LINCOLN, Neb. (AP) - During the run-up to the 2010 election, which created what became Pinnacle Bank Arena, there was much consternation that Lincoln couldn’t draw the kind of major concerts or ticket sales promised by the arena’s boosters.
After all, Omaha’s Qwest Center was just 60 miles up Interstate 80 and had established itself as a strong concert venue. And Lincoln, with its population of 250,000, is a mid-sized market in the concert world, most of which don’t have the support to consistently attract top-end shows.
Eight years later, and five years into the arena’s operations, those fears have proved to be unfounded.

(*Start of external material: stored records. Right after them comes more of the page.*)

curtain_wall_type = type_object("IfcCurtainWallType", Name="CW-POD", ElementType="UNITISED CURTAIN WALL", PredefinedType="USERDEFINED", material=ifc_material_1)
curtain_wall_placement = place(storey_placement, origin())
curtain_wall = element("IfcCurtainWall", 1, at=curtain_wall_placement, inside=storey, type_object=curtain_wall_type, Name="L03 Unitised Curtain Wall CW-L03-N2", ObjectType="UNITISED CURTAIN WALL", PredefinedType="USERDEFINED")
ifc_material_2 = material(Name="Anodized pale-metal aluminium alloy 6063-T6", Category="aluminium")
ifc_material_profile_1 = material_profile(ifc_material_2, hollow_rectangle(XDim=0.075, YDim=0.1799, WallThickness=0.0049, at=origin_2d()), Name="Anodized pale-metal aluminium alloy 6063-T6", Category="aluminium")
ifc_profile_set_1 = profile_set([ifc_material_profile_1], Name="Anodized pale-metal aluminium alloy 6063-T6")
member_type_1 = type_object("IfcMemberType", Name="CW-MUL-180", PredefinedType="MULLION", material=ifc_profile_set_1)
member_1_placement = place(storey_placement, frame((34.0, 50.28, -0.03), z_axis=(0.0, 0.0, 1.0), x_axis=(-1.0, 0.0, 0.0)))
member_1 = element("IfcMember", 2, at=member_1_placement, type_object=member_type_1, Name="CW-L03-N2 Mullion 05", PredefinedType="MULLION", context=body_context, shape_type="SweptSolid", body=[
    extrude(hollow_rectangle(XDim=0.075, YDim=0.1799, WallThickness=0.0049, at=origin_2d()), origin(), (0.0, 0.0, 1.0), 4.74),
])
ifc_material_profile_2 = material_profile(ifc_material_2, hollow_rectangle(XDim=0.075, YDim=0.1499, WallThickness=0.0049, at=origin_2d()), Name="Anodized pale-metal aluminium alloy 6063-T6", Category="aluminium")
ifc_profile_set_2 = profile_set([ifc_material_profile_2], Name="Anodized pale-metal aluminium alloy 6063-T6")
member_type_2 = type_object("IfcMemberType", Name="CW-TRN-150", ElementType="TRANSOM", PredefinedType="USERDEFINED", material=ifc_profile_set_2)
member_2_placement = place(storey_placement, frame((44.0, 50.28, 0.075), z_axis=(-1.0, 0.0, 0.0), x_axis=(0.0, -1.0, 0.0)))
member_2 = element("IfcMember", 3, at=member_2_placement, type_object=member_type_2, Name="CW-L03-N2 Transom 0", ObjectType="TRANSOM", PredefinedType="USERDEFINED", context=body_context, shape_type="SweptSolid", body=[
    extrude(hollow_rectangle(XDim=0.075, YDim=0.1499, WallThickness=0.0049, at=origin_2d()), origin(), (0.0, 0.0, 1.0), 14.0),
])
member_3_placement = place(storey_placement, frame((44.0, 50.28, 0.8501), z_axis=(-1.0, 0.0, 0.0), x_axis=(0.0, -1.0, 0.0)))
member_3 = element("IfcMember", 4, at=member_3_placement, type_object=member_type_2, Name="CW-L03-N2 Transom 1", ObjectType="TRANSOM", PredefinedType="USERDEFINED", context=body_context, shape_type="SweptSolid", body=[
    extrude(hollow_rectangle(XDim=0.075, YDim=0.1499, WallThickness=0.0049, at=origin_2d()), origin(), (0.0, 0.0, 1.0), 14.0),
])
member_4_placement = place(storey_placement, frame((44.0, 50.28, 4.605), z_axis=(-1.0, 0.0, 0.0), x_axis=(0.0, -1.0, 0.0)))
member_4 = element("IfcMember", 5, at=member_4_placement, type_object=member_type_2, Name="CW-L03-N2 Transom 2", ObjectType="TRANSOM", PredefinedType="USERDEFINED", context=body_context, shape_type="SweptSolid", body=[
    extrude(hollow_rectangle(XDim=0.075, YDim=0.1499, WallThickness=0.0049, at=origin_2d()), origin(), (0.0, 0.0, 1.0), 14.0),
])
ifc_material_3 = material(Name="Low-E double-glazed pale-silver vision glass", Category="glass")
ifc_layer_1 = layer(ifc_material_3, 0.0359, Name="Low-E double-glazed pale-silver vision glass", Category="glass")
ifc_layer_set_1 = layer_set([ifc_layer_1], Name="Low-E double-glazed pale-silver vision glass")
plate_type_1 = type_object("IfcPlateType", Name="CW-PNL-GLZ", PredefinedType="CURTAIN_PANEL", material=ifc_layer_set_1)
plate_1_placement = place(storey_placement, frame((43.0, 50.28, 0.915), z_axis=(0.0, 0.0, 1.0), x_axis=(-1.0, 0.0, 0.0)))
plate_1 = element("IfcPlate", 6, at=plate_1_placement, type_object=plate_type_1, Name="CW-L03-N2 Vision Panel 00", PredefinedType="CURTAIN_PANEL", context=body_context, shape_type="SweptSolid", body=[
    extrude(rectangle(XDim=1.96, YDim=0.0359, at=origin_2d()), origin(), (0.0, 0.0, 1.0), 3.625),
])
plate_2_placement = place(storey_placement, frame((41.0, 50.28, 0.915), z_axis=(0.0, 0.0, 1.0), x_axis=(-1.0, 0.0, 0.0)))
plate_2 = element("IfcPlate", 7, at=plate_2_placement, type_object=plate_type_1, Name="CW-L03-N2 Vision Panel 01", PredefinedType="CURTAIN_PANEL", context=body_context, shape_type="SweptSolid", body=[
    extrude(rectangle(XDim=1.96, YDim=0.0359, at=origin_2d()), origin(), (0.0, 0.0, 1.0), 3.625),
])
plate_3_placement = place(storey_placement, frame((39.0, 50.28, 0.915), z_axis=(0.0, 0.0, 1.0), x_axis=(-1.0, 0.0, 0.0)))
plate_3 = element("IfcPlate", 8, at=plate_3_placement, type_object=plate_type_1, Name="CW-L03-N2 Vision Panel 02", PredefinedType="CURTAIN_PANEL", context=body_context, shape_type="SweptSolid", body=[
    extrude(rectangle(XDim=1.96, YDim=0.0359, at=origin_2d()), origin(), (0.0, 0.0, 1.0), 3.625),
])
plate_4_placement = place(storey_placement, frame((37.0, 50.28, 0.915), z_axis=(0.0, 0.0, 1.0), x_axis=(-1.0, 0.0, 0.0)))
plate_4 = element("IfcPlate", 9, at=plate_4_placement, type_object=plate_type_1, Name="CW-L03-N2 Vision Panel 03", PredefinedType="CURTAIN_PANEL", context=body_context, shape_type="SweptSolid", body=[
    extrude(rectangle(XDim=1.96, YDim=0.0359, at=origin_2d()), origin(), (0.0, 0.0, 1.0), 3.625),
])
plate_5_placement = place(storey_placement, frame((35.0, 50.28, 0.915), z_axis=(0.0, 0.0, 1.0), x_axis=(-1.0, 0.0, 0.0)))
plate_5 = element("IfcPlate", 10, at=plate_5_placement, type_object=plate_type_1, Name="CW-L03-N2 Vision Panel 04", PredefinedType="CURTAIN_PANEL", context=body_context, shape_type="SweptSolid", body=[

The concerts have come - 73 in total - and so have the crowds. The arena has sold 1,139,822 tickets with $71,181,717 in total sales, the Lincoln Journal Star reported.
And the shows have featured many of the biggest names in music: Paul McCartney, Billy Joel, Eric Church, The Eagles, Fleetwood Mac, Odesza, Kendrick Lamar, Kenny Chesney, Pink, Jay-Z, Carrie Underwood, Metallica, Cher, Pearl Jam, Rush and Garth Brooks.

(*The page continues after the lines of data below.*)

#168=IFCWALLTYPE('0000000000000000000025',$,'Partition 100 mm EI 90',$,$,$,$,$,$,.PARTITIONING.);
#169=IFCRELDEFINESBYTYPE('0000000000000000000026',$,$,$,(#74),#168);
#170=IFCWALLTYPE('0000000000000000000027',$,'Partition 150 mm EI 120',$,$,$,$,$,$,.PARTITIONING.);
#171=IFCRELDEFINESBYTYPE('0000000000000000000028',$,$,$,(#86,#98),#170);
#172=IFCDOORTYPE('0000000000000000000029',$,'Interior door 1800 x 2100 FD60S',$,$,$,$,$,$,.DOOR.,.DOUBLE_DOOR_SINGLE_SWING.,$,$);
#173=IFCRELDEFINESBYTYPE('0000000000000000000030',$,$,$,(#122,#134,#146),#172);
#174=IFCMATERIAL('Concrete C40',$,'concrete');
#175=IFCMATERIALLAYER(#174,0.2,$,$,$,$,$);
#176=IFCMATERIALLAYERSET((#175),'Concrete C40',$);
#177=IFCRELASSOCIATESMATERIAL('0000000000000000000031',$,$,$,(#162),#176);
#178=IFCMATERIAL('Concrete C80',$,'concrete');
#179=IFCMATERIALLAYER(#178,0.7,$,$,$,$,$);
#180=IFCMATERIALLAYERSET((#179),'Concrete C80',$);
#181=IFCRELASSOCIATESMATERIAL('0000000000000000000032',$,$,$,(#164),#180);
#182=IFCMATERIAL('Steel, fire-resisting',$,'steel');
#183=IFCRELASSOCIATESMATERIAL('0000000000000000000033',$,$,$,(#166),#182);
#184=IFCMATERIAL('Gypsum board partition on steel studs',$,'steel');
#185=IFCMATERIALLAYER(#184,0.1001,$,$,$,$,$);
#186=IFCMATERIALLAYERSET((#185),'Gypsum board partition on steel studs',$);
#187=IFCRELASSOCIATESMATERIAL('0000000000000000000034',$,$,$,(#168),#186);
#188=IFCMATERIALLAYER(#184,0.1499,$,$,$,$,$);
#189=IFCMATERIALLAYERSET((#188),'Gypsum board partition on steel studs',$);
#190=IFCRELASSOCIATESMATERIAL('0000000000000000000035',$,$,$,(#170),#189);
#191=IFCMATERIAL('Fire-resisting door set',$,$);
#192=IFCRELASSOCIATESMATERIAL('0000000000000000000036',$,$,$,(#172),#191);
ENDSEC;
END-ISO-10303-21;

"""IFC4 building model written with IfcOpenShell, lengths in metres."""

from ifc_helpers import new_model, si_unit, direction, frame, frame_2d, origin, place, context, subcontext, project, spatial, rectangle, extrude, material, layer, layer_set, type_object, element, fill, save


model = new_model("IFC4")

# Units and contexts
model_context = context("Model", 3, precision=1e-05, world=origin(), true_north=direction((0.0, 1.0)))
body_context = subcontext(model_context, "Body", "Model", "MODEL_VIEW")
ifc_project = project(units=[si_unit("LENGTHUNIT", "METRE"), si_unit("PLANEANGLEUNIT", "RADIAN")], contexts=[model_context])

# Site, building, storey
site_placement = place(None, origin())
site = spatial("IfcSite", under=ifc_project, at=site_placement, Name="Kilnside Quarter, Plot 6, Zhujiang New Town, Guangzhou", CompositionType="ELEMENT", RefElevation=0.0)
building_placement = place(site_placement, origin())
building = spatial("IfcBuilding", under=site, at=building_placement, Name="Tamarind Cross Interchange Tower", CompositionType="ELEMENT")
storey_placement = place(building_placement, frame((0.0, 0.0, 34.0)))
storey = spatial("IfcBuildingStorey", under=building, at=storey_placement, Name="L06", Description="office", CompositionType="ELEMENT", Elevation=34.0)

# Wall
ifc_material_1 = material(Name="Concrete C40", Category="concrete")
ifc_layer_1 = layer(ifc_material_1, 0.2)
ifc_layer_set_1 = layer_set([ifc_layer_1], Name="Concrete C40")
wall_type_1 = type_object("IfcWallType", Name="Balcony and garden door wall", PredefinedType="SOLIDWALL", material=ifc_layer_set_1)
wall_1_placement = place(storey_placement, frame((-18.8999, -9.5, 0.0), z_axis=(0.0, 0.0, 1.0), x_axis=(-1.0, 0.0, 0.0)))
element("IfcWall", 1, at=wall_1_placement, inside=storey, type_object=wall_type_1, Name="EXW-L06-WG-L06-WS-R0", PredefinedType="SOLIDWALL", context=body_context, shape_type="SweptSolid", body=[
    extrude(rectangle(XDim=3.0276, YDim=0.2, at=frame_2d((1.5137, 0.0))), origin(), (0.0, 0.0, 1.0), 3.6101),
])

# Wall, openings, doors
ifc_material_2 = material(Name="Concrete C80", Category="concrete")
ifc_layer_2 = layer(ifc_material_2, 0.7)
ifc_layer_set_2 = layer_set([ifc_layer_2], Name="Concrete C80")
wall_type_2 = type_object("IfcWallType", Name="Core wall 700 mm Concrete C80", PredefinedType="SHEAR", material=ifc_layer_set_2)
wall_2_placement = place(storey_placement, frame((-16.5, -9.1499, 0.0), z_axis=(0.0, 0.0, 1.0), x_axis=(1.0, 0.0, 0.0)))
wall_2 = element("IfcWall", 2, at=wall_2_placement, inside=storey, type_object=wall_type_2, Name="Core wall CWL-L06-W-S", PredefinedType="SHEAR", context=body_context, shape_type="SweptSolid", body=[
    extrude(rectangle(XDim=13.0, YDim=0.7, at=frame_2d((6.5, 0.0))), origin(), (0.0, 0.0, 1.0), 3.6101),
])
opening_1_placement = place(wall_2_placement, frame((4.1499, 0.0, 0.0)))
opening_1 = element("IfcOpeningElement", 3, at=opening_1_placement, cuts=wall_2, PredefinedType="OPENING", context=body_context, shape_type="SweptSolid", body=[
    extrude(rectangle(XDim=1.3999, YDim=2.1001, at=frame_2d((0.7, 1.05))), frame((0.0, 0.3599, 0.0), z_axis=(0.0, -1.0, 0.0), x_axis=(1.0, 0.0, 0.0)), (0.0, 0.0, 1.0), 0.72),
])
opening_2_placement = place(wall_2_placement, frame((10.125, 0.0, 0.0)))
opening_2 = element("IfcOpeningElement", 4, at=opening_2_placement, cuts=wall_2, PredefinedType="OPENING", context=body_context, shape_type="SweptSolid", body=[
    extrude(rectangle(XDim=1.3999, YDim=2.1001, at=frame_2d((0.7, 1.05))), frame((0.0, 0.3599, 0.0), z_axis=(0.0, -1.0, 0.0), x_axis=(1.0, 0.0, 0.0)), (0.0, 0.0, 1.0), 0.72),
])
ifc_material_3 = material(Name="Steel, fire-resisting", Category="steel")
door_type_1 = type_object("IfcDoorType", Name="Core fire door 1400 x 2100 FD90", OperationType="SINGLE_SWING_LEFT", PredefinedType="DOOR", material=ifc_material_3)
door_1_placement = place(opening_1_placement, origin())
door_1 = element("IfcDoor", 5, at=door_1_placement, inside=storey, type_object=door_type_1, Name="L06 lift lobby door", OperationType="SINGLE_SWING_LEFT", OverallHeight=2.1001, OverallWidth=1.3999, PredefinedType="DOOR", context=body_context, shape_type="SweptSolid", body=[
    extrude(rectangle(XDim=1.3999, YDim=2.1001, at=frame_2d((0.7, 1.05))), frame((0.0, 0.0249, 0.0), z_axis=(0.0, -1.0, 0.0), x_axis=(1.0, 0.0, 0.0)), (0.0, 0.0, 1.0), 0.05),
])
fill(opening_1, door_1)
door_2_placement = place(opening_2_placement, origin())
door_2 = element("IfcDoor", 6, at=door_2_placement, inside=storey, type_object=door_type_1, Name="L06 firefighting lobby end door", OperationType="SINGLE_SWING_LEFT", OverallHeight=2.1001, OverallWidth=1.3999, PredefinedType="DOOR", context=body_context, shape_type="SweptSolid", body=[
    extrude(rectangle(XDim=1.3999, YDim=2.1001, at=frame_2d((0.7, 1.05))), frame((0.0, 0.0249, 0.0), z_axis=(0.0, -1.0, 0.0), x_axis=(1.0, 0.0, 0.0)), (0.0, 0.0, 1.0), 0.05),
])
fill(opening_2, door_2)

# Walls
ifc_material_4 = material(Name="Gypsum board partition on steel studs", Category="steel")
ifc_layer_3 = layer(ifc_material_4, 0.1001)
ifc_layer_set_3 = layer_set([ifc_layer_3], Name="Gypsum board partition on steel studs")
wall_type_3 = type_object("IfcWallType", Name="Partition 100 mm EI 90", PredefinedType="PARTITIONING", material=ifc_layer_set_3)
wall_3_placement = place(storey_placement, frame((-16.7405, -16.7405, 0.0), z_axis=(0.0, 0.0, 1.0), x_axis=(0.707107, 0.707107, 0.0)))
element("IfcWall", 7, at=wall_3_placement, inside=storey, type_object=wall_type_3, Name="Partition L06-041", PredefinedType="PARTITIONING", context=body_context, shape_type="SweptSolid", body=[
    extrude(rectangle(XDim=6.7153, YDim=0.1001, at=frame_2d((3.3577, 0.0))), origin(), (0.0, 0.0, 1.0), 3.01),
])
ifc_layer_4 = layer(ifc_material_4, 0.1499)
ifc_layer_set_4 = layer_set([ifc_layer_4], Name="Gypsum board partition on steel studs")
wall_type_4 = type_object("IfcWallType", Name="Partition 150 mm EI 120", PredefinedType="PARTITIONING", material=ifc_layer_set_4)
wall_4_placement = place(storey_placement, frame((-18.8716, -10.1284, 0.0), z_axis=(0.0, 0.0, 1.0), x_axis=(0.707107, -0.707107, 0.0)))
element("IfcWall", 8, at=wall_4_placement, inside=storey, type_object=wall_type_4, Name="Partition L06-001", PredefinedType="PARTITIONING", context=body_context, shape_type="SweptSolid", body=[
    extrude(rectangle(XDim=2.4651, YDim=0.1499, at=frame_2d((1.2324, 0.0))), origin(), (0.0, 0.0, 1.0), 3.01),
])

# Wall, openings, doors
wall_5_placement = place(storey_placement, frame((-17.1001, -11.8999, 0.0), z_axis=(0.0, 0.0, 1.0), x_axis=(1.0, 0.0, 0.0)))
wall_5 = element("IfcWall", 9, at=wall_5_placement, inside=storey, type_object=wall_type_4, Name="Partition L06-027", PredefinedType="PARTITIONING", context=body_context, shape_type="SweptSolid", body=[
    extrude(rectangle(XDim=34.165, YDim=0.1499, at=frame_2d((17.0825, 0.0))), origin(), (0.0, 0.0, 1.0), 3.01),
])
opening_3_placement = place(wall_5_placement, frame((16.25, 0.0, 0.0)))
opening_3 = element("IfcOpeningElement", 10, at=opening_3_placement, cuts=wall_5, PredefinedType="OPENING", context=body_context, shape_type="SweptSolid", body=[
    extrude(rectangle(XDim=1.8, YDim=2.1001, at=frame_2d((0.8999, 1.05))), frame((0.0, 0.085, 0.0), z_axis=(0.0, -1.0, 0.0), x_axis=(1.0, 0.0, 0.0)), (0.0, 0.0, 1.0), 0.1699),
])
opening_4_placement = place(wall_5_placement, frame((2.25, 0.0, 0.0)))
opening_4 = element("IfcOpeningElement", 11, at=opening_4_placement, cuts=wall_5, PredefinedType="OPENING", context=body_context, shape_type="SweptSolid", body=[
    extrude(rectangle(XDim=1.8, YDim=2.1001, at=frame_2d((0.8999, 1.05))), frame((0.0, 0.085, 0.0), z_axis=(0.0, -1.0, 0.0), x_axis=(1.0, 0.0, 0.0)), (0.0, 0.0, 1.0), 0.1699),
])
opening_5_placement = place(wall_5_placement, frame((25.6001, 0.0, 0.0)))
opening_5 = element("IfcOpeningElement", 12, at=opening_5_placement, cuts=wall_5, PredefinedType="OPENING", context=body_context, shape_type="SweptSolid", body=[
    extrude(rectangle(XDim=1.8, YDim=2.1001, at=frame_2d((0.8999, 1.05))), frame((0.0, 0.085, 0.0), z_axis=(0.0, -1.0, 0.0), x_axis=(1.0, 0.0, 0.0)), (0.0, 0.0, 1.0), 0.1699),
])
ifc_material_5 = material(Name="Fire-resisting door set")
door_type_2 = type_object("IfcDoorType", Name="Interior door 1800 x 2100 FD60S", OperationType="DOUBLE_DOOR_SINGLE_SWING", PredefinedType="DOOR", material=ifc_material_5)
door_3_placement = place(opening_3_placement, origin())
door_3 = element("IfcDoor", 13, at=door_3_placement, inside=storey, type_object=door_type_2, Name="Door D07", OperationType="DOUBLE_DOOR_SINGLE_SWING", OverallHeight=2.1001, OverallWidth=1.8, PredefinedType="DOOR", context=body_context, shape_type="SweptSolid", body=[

“You’re a great crowd, and this is a great place,” McCartney said during his July 14, 2014 concert. “I love this place. … It’s great. It’s a great venue. It really sounds good.”

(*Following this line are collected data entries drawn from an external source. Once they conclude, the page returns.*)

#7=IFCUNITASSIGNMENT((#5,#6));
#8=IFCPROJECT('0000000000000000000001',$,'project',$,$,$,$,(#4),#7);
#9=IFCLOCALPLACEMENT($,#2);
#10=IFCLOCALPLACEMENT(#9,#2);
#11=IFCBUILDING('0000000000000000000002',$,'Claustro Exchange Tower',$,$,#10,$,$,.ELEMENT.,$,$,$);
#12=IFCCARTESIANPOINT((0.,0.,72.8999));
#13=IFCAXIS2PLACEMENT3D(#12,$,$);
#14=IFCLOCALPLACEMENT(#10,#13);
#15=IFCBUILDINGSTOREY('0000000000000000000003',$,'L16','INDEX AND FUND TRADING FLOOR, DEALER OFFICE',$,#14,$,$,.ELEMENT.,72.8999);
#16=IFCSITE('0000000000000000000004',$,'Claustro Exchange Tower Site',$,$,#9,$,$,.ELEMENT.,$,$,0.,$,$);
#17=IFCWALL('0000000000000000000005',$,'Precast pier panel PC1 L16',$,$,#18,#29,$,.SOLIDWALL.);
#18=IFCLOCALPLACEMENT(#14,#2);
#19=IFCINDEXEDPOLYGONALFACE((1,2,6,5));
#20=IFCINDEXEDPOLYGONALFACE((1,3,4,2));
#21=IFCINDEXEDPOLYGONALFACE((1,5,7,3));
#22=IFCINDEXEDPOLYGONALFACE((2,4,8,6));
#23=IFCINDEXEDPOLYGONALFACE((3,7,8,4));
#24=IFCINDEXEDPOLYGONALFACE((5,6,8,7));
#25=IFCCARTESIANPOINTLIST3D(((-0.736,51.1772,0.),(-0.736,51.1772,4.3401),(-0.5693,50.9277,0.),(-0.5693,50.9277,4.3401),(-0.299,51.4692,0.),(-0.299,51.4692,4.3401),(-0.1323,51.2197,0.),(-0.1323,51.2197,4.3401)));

McCartney isn’t alone in his praise. Brooks raved about playing there - and how it felt like a far smaller place - the Saturday after the first of his five October 2017 shows at the arena. And, almost to an artist, those praises have been echoed after each show.
Pinnacle Bank Arena has developed a reputation among artists, agents, promoters and crews as a great place to put on a show, and Lincoln is seen as a concert market that punches far above its weight.
The reason the arena is such a good place for shows goes back to the building’s design, which began eight years ago, and its construction from 2011 to 2013.
“The building was built to be basketball-centric, where it wasn’t as wide and wasn’t as long as arenas built for hockey and multiple use,” said arena manager Tom Lorenz. “Our seating is more vertical, so it feels like you’re more on top of the floor, no matter how high you are. So the artist feels, even if 15,000 are packed in here, that it’s a very intimate setting.”
But the arena incorporates much more than just basketball-centric seating, Lorenz said: “The building was designed to do major concerts.”
The concert-friendly design and construction begins outside, with the loading dock at the north end of the building. That dock was built to allow four trucks to unload and load at a time. And the loading dock is just 90 feet from where the stages are erected.
That multiple truck docking and proximity to the stage saves time - at least an hour per truck - money and effort, said Don Adams, the arena’s production manager.
Next is the steel grid that was installed 90 feet above the stage. With each of the 20-square-foot bays capable of holding 20,000 pounds of sound and light scaffolding and equipment, the arena has a 160,000 pound over-stage capacity - more than is needed for nearly every show on the road.
And, when utilizing all of the grid, that capacity goes beyond 200,000 pounds. That allowed the arena to present Metallica as designed when the heavy-metal icons brought their show’s 240,000 pounds of “dynamic weight” to Lincoln in September.
“A lot of buildings couldn’t do the show or would have had to bring in extra steel,” Lorenz said. “We got everything they had up in the air. That really completes the show.”
As for the sound praised by McCartney, Brooks and many others, that starts with the design as well.
The design incorporated soundproofing into the building’s ceiling, aimed at preventing sound from bouncing around. And that feature wasn’t eliminated from the construction budget, which often happens with arena projects.
The soft, cloth-covered seating also plays a role, absorbing sound rather than reflecting it.
The arena also has “the luxury of us being a full house, a full house sounds better than an empty house,” Adams said.
It isn’t just the building. Lorenz and Adams also credit the crew for contributing to the arena’s reputation. IATSE union members put together the shows, rigging the sound and lights high above the arena, while arena staff respond to artist requests, set up the backstage and, when requested, organize catering for the artist and crew.
It is notable that, with the exception of smoke from the stage triggering a fire alarm during Jay-Z’s 2013 show, the arena has experienced no production issues in its first five years.
Pinnacle Bank Arena is accommodating enough that the Zac Brown Band, Eric Church and Odesza have used it for rehearsals before beginning tours, then launched those tours with Lincoln shows.
That, too, is a result of more than just the building. It’s related to hotels, restaurants and bars around the area where the bands and crews can comfortably stay and patronize when they’re not at work.
For example, members of the Zac Brown Band and their crew stayed at the Graduate Hotel during their June rehearsals.
“I think when they started setting up the tour, they called and asked if Pinnacle was open for the amount of time we needed,” multi-instrumentalist Clay Cook said during that visit. “They said certainly it was. … We loved it the last time we were here. It’s cool for our crew to get to home here for a couple weeks. I got in and was able to hang out last night and enjoy some of the college life.”